In this State the statutes prescribe the means by which persons may form corporations and also prescribe the conditions on which created corporate entities may do business, a compliance with the conditions made a prerequisite to doing business having the effect through the statute of limiting the liability of the members for the debts of the corporation, and, under the statute, a failure to comply with such statutory conditions in effect makes operation under the corporate charter a mere partnership under-taking with resultant partnership liability of its members for the debts of the corporation. The liability in either case is contractual resulting from voluntary membership. In some States the liability of stockholders as partners may be affected by waiver or estoppel, there being no controlling statute. See Inter-Ocean Newspaper Co. v. Robertson, 296 Ill. 92,129 N.E. Rep. 523; 1 Cook on Corp. § 233 and notes. In this State there is a mandatory statute prescribing the liability of stockholders, and to permit the ordinary rules of waiver and estoppel to relieve the members or stockholders of the corporation from full partnership liability where that is imposed by the statute would nullify the particular express requirement of the statute and make unconditional a franchise right that is expressly granted on conditions. Charles v. Young, 74 Fla. 298, 76 South. Rep. 869. See Whitfield v. Aetna Life Ins. Co. of Hartford, 205 U.S. 489,27 Sup. Ct. Rep. 578. The doctrines of estoppel and of waiver do not apply in transactions that are forbidden by statute or that are contrary to public policy. See Montsdoca v. Highlands Bank Trust Co., decided this term.
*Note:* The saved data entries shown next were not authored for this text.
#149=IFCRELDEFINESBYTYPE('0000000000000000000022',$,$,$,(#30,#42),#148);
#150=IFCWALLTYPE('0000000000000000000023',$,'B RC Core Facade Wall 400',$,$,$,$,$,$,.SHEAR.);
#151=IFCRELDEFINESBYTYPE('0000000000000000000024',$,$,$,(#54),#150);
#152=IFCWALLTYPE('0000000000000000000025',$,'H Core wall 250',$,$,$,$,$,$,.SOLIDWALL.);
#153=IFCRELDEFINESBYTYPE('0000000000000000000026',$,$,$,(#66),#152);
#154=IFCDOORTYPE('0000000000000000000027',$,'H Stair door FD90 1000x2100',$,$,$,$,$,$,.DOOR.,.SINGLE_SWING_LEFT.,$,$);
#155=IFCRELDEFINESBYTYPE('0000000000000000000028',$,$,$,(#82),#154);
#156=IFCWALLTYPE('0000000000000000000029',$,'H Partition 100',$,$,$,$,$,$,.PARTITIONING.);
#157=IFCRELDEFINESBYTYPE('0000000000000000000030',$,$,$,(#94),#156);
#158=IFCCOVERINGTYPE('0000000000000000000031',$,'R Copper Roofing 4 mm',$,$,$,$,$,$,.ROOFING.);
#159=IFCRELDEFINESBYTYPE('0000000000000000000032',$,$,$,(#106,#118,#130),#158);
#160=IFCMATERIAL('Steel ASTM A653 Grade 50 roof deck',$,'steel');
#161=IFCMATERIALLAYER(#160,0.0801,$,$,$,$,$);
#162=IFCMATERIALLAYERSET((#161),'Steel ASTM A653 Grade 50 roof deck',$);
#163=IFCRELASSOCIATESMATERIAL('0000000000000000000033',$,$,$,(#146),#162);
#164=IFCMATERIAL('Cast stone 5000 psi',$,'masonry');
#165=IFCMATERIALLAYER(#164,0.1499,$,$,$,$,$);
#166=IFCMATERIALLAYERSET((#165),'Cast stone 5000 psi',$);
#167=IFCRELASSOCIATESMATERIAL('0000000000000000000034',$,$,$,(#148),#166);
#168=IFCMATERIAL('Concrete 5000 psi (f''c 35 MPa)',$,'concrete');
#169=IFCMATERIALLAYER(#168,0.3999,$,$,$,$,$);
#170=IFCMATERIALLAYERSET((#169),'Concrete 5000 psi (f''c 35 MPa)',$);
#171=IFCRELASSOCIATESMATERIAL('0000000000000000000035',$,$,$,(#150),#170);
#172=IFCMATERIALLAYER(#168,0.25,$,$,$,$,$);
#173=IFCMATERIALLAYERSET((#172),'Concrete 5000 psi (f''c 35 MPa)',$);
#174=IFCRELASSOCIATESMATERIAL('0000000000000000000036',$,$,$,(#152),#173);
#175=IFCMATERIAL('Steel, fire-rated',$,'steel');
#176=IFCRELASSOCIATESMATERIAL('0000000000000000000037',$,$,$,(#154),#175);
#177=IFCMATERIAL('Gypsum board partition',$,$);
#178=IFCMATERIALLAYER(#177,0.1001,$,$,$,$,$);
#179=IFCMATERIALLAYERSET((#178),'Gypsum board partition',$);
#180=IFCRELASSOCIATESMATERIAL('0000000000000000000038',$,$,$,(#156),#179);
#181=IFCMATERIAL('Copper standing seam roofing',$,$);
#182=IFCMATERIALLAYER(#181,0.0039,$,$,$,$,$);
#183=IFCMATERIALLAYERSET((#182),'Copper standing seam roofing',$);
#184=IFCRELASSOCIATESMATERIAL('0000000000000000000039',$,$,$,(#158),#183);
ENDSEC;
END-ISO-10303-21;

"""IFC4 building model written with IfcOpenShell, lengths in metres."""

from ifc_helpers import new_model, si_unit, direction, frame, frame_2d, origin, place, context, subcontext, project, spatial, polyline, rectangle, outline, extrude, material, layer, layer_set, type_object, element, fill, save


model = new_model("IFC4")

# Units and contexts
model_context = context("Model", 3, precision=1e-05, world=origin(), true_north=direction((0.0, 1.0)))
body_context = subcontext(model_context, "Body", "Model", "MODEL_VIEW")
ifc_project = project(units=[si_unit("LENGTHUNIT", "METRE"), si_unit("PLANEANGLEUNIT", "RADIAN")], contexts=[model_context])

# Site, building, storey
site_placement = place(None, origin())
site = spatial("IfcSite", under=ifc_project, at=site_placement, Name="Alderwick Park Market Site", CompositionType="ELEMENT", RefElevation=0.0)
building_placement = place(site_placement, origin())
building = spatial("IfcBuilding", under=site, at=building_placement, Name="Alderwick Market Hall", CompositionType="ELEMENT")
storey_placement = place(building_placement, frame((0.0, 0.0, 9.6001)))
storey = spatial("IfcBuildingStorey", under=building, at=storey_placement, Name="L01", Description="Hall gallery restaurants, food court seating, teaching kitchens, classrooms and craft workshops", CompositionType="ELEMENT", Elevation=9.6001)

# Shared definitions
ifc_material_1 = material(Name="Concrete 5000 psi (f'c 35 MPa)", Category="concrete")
When the conditions that are expressly made a prerequisite to the transaction of business by a corporation are not complied with, the liability of the stockholders is not thereby made penal in its nature, but the liability remains contractual by virtue of the voluntary membership, though the liability is not limited as it would be under the statute, had the conditions of the grant of authority to do business through the medium of the created corporation been complied with. Where a corporation is duly formed, but the statutory conditions on which it may do businessas a corporation have not been complied with, the corporation may remain existent; but under the statute prior to the amendment of 1921, any business done by or in the name of the corporate entity, renders its members or stockholders liable for debts incurred by or for the corporation as though the stockholders were doing business as a partnership. There is no penalty imposed by the statute on stockholders for a failure of the officers of a corporation to comply with the conditions that are expressly made a prerequisite to doing business by the corporation, but no exemption from full liability as partners is granted by the statute to the stockholders unless the prerequisite conditions are complied with before business is done by or in the name of the corporation. The statute merely grants a limitation of liability to the stockholders on condition that certain things be done to show good faith in forming the corporation and to provide a present available fund for the payment of creditors of the corporation. When business is done by or in the name of a corporation where the conditions on which the corporation may do business have not been complied with, the stockholders of the corporation are by the terms of the statute "personally liable for all the corporation debts as if they were members of a general partnership and not stockholders of a corporation." This being the nature and extent of the liability of the stockholders, the parties and proceedings in actions against the stockholders brought by creditors of the corporation, should conform to the procedure that is appropriate in actions against partners for the debts of a partnerships. See Mechanics Metals Nat. Bank of City of New York v. Angel, 79 Fla. 761, 85 South. Rep. 675.

On Petition for Rehearing.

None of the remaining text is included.